Toda sociedad, cualquiera sea su sistema político, nos dice Kissinger, está perpetuamente en tránsito entre un pasado que forma su memoria y una visión de futuro que inspira su evolución. En este camino, el liderazgo es indispensable. “La misión del líder es llevar su sociedad desde donde está hacia donde nunca ha estado”. El primer desafío del líder es el análisis, que empieza con una realista evaluación de su sociedad basada en su historia, costumbres y capacidades. El líder debe balancear lo que sabe, que necesariamente viene del pasado, con lo que intuye sobre el futuro. Es esta comprensión intuitiva de la dirección hacia dónde vamos que permite al líder fijar objetivos y diseñar una estrategia. Para que las estrategias puedan inspirar a la sociedad, los líderes deben servir como educadores y comunicadores.

Los atributos vitales de los líderes, según Kissinger, son el coraje y el carácter. El coraje, para escoger entre opciones difíciles y complejas, y la fuerza de carácter para sostener en el tiempo el curso de acción, cuyos beneficios y peligros pueden ser apenas vislumbrados en el momento de la decisión.

De los muchos interesantes temas analizados por Kissinger en su libro, quisiera destacar la preocupación que el autor comparte con otros pensadores como Giovanni Sartori, Moisés Naim y Larry Diamond, entre otros, sobre los efectos que el internet, la explosión de los medios alternativos en las redes sociales y los algoritmos tienen sobre la calidad de los líderes políticos. A esto habría que agregar la grave reducción de los estudios humanísticos, en particular de historia y filosofía, que, por cierto, fueron la base de la formación de los seis líderes estudiados por Kissinger.
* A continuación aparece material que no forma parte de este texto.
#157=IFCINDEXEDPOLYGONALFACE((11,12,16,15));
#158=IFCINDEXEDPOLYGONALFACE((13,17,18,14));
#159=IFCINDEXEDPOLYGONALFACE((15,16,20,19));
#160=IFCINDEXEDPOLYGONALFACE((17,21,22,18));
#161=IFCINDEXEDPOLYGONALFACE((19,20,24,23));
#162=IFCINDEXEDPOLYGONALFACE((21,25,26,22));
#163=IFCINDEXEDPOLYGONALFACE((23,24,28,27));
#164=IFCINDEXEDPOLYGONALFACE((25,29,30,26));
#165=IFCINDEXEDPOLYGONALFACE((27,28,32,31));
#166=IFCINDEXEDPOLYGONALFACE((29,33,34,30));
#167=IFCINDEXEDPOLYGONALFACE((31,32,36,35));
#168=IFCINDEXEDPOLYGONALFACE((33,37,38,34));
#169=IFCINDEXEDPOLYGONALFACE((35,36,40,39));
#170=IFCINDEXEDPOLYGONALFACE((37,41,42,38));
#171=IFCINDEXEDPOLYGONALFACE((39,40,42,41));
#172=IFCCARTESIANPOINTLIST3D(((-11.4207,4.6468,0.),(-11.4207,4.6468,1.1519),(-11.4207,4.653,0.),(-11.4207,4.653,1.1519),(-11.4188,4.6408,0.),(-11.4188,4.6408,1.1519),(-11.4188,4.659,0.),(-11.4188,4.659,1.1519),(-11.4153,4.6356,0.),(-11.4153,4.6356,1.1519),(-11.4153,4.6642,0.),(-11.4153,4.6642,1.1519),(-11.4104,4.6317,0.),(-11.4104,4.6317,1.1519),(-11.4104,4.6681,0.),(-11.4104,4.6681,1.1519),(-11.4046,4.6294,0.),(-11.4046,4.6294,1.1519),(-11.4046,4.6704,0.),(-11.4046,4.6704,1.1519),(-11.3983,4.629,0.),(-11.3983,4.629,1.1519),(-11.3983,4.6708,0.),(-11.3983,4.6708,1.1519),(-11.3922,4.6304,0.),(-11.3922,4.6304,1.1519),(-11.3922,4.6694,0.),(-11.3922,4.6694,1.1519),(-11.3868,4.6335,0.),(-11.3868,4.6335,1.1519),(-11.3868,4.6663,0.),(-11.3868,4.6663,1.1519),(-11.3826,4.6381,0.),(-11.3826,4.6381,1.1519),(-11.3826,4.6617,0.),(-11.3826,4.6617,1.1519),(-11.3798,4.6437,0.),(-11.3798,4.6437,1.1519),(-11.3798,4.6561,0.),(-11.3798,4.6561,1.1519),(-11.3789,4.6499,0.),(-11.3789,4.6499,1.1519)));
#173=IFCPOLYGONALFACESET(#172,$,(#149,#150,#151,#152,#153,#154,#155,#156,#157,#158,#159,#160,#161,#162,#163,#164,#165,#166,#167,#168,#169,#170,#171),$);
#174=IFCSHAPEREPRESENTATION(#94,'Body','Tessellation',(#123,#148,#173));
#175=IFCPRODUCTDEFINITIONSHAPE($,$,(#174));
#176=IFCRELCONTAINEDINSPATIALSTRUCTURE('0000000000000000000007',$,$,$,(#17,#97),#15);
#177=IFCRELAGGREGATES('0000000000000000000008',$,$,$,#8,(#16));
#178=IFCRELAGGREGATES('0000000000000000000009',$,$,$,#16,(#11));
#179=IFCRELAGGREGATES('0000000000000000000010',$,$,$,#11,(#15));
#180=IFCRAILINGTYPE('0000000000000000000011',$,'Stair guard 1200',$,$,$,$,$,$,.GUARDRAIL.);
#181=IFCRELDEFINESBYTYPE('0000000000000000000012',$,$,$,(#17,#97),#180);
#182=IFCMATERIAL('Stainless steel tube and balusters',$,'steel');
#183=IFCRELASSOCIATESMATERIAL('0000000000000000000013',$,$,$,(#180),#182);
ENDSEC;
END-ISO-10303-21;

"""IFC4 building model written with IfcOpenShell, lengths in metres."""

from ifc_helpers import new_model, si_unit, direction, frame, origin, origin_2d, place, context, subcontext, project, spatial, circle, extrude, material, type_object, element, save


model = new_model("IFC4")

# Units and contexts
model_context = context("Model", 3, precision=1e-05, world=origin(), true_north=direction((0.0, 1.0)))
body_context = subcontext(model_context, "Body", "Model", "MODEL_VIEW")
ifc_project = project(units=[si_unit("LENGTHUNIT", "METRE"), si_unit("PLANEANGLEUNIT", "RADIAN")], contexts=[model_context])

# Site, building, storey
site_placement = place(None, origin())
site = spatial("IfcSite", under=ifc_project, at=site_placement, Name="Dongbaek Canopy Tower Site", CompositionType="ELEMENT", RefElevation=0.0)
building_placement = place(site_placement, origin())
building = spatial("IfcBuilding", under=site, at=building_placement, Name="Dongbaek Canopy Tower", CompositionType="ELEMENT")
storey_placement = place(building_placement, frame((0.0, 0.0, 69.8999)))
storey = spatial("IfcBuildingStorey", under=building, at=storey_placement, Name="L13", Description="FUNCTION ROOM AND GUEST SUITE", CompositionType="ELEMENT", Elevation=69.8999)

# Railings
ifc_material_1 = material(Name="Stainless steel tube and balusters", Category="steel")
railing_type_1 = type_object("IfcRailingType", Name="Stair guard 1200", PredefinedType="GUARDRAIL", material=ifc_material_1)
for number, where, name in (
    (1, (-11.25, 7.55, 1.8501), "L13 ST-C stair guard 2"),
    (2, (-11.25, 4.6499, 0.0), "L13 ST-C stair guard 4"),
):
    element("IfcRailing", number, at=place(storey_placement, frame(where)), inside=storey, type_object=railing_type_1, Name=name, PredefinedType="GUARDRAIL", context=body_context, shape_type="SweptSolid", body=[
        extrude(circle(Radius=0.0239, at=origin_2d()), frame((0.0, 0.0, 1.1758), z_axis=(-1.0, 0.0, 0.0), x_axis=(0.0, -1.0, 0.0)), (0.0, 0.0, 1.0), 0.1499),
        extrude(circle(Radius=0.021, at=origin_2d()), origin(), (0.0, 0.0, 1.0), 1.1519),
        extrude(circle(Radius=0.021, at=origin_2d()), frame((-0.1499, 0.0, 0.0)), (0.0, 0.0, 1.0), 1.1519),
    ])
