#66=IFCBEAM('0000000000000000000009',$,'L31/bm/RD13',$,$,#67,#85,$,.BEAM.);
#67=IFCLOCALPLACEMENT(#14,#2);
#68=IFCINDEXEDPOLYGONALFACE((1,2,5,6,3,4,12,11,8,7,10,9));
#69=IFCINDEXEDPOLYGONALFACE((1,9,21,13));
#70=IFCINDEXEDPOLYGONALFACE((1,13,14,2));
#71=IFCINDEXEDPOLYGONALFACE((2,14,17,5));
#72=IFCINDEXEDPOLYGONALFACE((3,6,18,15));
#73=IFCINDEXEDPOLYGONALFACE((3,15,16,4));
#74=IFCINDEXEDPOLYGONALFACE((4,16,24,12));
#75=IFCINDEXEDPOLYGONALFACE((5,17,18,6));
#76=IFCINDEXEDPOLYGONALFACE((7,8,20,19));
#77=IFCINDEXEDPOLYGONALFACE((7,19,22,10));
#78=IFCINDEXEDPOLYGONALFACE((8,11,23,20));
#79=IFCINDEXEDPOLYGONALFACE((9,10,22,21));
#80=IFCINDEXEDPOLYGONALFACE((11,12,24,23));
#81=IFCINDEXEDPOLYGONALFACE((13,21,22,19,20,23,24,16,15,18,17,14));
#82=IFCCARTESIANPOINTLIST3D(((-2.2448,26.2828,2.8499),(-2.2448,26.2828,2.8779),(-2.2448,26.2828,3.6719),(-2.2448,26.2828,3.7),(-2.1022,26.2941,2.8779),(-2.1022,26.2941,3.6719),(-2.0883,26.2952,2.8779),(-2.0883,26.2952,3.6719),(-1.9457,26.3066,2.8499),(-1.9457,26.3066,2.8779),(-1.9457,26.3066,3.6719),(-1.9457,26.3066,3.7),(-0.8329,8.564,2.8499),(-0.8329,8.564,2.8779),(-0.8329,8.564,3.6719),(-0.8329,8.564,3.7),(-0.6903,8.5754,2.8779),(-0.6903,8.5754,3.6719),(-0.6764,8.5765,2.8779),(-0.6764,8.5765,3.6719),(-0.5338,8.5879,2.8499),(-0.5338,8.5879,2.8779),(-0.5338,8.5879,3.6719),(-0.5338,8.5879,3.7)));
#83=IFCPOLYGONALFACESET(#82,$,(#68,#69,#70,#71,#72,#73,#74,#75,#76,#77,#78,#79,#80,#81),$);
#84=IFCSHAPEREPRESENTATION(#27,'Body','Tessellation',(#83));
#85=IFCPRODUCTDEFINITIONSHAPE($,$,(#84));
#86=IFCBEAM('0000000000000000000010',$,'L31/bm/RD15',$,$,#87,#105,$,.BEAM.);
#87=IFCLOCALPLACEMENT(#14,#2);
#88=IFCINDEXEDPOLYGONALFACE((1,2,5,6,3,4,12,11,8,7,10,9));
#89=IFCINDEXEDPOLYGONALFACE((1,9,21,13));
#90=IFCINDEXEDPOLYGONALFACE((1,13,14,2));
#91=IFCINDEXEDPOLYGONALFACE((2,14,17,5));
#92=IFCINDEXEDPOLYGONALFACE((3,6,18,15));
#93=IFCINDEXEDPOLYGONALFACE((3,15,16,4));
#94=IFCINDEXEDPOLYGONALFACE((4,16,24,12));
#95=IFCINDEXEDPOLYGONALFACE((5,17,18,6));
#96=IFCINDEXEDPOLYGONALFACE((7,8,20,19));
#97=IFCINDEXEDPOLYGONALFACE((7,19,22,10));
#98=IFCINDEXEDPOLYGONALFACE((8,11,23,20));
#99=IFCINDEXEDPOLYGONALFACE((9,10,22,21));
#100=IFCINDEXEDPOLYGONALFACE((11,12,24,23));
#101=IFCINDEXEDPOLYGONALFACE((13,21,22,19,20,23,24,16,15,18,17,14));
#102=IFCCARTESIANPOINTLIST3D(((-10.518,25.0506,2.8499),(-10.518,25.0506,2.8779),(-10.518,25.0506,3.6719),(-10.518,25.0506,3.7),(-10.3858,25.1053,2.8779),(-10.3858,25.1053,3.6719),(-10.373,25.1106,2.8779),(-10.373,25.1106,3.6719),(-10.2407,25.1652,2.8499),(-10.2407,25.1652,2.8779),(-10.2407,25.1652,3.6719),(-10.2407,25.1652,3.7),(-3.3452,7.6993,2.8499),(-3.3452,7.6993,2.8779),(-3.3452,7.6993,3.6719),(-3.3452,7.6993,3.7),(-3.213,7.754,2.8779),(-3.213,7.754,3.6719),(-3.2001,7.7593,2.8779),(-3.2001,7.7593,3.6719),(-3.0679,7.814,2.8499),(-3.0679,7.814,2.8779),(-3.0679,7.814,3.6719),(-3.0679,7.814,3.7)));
En efecto, como nos dice Sartori, el homo sapiens se está transformando en “homo videns”, que lee muy poco y mal, ve muchas imágenes, pero maneja muy escasos conceptos. “Ganar una elección”, nos dice Lee Kuan Yew, “se ha convertido, en gran medida, en un concurso de imagen y publicidad”. Vivimos en la “civilización del espectáculo”, analizada por Mario Vargas Llosa, donde el entretenimiento ahoga la cultura. Es una sociedad con muchos “influencers” y “seguidores”, pero cada vez menos líderes de calidad y ciudadanos bien informados.

En esta sociedad visual, según Kissinger, hay cuatro características que hacen más difícil para los líderes desarrollar sus capacidades: inmediatismo, intensidad, polarización y conformismo. Igual que a Moisés Naim le preocupa el auge del populismo, la polarización y la posverdad.

Los arquitectos del internet pensaron que su invención era un ingenioso medio para conectar el mundo, pero se ha vuelto también una nueva forma de dividir la humanidad en tribus en guerra. En el debate sobre la mayor o menor importancia de los líderes en la historia, han existido básicamente dos posiciones extremas, la historicista, que acentúa las estructuras y las fuerzas impersonales de la historia, y la individualista que enfatiza la acción de los Grandes Hombres. Entre estos dos extremos, creo que la historia es la compleja resultante de la interrelación de los líderes con sus “orteguianas circunstancias”, incluyendo, entre otras cosas, instituciones, ideas y valores.